Radioactive Paladin


If there is a one way bet in the world economy, it is energy. Each year, China adds the equivalent of Britain’s entire annual energy supply and there is little sign of this slowing. So uranium should, as they say, be “part of the mix”. Which should mean that Paladin remains a nice little play. But then, of course, Fukushima happened, and the image of nuclear power took a big hit. But has it been overdone? Paladin has fallen from a peak of $5.50 to $3.15, a drop of over 40%. That’s quite a correction in a company in probably the best sector in the market. And just how much will demand for uranium fall? In China’s Five Year Plan, nuclear power is projected to grow by 40 gigawatts by 2015. That is only a fraction of the projected increase in coal use (260 gigawatts), but still sizeable.

Most of the attention tends to go on the spot price, but this is fairly irrelevant. Nuclear power is a very long term affair, and until the Japanese disaster, the concern was that there would not be enough uranium to feed the demand.

Brokers are generally following the bearish sentiment. Stock Resource has a hold recommendation “around $3.70” and adds this:

Global uranium stocks have experienced an across the board down- rating as a consequence.

The Fukushima Daiichi nuclear accident has changed the structure of the uranium market into the foreseeable future, resulting in a major de-rating of uranium companies.

Paladin has produced another mixed production performance during the March quarter, with significant improvement at the Kayelekera operation in Malawi (despite disruption to diesel supplies) being more than offset by weather related constraints at the Langer Heinrich operation in Namibia.

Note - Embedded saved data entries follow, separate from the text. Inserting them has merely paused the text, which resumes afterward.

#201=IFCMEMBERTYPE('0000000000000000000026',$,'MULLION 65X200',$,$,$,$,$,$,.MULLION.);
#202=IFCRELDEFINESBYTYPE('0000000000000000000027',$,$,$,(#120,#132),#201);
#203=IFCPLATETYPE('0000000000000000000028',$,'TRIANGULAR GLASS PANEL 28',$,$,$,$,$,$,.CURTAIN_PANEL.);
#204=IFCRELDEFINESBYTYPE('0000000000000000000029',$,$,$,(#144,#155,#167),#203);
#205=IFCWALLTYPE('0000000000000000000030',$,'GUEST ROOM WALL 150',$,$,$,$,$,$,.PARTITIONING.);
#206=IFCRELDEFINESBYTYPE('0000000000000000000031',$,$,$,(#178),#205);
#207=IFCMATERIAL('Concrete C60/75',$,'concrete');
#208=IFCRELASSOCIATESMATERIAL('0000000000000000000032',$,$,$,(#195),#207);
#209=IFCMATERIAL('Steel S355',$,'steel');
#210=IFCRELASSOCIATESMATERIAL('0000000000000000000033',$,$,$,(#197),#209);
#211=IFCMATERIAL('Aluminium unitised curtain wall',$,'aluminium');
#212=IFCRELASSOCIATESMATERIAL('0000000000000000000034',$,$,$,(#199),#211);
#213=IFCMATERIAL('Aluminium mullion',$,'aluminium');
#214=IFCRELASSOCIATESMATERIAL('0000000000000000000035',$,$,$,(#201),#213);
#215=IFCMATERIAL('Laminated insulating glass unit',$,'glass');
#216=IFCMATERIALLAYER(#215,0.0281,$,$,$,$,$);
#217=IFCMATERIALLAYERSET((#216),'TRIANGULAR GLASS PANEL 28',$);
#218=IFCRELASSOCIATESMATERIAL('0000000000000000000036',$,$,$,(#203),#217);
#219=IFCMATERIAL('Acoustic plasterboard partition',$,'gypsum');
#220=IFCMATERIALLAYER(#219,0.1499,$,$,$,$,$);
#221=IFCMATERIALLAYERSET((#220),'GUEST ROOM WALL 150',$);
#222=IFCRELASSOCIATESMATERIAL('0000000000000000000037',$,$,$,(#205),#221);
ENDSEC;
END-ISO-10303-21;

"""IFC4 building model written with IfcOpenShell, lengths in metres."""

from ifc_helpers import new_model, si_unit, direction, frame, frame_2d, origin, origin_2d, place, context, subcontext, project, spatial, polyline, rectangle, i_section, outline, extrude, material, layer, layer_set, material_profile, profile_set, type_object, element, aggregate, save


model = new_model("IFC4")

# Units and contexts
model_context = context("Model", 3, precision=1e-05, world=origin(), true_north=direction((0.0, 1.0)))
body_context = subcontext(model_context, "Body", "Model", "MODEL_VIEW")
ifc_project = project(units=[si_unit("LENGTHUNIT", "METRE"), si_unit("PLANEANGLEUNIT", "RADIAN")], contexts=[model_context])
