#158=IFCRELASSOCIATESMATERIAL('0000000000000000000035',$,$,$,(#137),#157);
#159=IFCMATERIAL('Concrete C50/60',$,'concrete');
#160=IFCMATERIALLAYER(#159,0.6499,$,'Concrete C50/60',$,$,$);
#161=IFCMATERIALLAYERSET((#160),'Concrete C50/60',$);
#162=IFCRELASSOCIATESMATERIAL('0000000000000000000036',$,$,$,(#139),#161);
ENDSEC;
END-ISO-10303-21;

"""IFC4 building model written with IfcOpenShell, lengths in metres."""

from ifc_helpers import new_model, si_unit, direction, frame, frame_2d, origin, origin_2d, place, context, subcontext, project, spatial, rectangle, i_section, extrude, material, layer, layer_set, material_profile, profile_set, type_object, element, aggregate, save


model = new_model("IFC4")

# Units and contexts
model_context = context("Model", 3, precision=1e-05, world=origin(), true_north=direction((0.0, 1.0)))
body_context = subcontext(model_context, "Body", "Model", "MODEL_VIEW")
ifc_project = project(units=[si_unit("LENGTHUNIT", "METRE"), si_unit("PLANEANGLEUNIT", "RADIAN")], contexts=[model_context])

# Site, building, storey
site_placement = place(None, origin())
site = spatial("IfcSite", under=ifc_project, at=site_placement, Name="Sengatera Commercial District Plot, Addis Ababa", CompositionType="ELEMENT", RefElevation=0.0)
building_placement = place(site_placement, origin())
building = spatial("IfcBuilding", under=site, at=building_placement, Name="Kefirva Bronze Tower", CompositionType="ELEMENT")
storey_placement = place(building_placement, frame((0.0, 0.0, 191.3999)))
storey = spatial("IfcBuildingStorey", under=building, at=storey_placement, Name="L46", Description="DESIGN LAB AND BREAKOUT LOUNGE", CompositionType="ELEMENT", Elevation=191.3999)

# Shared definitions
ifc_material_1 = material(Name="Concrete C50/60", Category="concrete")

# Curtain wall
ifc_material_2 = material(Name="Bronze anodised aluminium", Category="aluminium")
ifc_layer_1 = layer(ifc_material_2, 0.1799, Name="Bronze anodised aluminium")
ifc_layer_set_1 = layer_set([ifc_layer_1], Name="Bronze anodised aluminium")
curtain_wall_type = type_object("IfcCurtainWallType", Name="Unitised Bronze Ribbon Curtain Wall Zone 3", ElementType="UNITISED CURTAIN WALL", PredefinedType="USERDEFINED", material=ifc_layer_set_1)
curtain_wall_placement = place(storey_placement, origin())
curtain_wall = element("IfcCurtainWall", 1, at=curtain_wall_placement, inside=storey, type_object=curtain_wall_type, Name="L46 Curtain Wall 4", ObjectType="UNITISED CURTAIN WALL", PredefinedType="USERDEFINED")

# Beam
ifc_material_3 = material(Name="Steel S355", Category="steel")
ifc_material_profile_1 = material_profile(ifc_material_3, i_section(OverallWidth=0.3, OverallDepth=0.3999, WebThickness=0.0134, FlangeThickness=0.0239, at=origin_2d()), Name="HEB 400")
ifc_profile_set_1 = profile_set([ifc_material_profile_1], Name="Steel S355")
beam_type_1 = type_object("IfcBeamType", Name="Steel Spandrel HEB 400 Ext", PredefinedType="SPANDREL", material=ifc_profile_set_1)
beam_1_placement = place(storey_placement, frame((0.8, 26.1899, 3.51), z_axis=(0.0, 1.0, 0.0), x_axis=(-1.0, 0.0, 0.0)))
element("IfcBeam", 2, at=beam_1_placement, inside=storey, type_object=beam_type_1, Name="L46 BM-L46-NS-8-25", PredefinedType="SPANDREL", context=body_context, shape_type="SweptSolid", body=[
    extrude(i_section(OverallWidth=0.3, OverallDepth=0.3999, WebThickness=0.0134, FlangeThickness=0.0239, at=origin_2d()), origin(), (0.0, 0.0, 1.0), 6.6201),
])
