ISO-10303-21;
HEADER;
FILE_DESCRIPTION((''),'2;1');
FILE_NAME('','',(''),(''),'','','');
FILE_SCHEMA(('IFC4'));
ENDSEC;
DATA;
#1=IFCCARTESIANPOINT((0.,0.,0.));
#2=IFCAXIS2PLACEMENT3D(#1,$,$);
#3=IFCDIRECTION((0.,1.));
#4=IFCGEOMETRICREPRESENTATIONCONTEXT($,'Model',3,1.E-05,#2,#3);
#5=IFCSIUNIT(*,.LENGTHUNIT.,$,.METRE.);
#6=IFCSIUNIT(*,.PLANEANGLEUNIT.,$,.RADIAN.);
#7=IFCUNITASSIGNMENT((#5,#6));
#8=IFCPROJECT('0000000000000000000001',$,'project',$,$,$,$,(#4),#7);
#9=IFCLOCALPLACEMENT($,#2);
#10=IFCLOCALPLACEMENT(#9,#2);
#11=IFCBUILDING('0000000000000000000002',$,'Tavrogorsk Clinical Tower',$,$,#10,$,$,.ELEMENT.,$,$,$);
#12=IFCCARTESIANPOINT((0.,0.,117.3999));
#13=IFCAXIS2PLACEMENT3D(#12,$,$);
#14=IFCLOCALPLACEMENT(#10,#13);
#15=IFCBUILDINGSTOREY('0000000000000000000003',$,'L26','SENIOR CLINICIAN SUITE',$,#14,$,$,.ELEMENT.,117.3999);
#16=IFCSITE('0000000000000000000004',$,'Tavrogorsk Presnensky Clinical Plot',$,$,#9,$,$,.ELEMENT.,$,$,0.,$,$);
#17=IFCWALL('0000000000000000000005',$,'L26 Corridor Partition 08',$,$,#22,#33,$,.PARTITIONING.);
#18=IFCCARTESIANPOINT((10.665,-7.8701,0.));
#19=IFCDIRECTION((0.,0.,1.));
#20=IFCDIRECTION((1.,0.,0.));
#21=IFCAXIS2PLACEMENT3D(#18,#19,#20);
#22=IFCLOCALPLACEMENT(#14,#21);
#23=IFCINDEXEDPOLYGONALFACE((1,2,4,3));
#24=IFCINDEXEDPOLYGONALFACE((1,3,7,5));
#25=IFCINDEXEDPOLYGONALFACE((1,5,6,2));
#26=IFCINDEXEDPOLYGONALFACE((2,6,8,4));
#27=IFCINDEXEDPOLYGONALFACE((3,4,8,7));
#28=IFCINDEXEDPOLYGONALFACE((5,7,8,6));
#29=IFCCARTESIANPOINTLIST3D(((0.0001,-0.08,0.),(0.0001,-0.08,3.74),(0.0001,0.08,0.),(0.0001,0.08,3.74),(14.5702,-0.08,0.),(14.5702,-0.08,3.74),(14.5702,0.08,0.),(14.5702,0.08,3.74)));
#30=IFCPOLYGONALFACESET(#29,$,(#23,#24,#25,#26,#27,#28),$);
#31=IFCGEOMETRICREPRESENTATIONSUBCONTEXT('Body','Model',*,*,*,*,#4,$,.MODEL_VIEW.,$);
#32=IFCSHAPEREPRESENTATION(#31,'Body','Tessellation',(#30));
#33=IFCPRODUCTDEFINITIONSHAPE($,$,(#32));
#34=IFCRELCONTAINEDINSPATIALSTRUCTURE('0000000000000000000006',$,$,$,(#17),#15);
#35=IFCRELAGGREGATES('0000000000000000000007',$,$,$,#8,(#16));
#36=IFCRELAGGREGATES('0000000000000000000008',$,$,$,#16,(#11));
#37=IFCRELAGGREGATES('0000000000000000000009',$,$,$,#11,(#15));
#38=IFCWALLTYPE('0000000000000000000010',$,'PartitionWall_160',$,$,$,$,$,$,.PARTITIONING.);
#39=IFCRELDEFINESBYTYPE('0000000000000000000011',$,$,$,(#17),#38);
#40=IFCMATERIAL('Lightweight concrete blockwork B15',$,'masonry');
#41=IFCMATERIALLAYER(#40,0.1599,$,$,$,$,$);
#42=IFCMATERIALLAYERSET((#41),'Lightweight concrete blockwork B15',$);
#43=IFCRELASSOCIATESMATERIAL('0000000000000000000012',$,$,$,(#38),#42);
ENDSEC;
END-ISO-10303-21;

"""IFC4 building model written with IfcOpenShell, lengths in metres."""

from ifc_helpers import new_model, si_unit, direction, frame, frame_2d, origin, place, context, subcontext, project, spatial, rectangle, extrude, material, layer, layer_set, type_object, element, save


model = new_model("IFC4")

# Units and contexts
model_context = context("Model", 3, precision=1e-05, world=origin(), true_north=direction((0.0, 1.0)))
body_context = subcontext(model_context, "Body", "Model", "MODEL_VIEW")
ifc_project = project(units=[si_unit("LENGTHUNIT", "METRE"), si_unit("PLANEANGLEUNIT", "RADIAN")], contexts=[model_context])

# Site, building, storey
site_placement = place(None, origin())
site = spatial("IfcSite", under=ifc_project, at=site_placement, Name="Tavrogorsk Presnensky Clinical Plot", CompositionType="ELEMENT", RefElevation=0.0)
building_placement = place(site_placement, origin())
building = spatial("IfcBuilding", under=site, at=building_placement, Name="Tavrogorsk Clinical Tower", CompositionType="ELEMENT")
storey_placement = place(building_placement, frame((0.0, 0.0, 117.3999)))
storey = spatial("IfcBuildingStorey", under=building, at=storey_placement, Name="L26", Description="SENIOR CLINICIAN SUITE", CompositionType="ELEMENT", Elevation=117.3999)

# Wall
ifc_material_1 = material(Name="Lightweight concrete blockwork B15", Category="masonry")
ifc_layer_1 = layer(ifc_material_1, 0.1599)
ifc_layer_set_1 = layer_set([ifc_layer_1], Name="Lightweight concrete blockwork B15")
wall_type_1 = type_object("IfcWallType", Name="PartitionWall_160", PredefinedType="PARTITIONING", material=ifc_layer_set_1)
wall_1_placement = place(storey_placement, frame((10.665, -7.8701, 0.0), z_axis=(0.0, 0.0, 1.0), x_axis=(1.0, 0.0, 0.0)))
element("IfcWall", 1, at=wall_1_placement, inside=storey, type_object=wall_type_1, Name="L26 Corridor Partition 08", PredefinedType="PARTITIONING", context=body_context, shape_type="SweptSolid", body=[
    extrude(rectangle(XDim=14.5701, YDim=0.1599, at=frame_2d((7.2852, 0.0))), origin(), (0.0, 0.0, 1.0), 3.74),
])

save(model, "model.ifc")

A negative take. Deutsche Bank in April had a hold and a 12 month price target of $3.50:

Although Paladin continues to under-deliver on production targets, we rate PDN a HOLD as the stock is trading within 10% of our A$3.50 price target. On the operational front, the 134Mlb reserve at Langer Heinrich should ensure that Stage III (5.2Mlbpa) mine life stretches beyond 20 years and will likely support a Stage IV expansion to 8.5Mlbpa, which we include in our base case assumptions. The Kayelekera operation is currently ramping up, although much slower than expected, and should hit design output in mid-2011. This operation should increase Paladin’s production (100% basis) from ~6Mlb in FY11 to approx. 7.7Mlb in FY12. The company’s growth profile remains one of the most aggressive in the uranium industry. The long-term outlook for uranium beyond 2015 is positive, in our view, despite the recent Japanese earthquake and its likely impact on global nuclear power growth in the near to medium term.

It is this last sentence that suggests the sell down of Paladin has been overdone. Yes, there are potential perils. Its net debt to equity is 44.3%. It is not expected to produce earnings until next financial year. There is the question of its exposure to African risk.

But it is trading well below brokers’ target price, the share price has fallen off a cliff and is in a sector in which demand is assured. For the patient investor, there may be a contrarian opportunity. Memories of Fukushima will, sadly, fade. But demand for power will not.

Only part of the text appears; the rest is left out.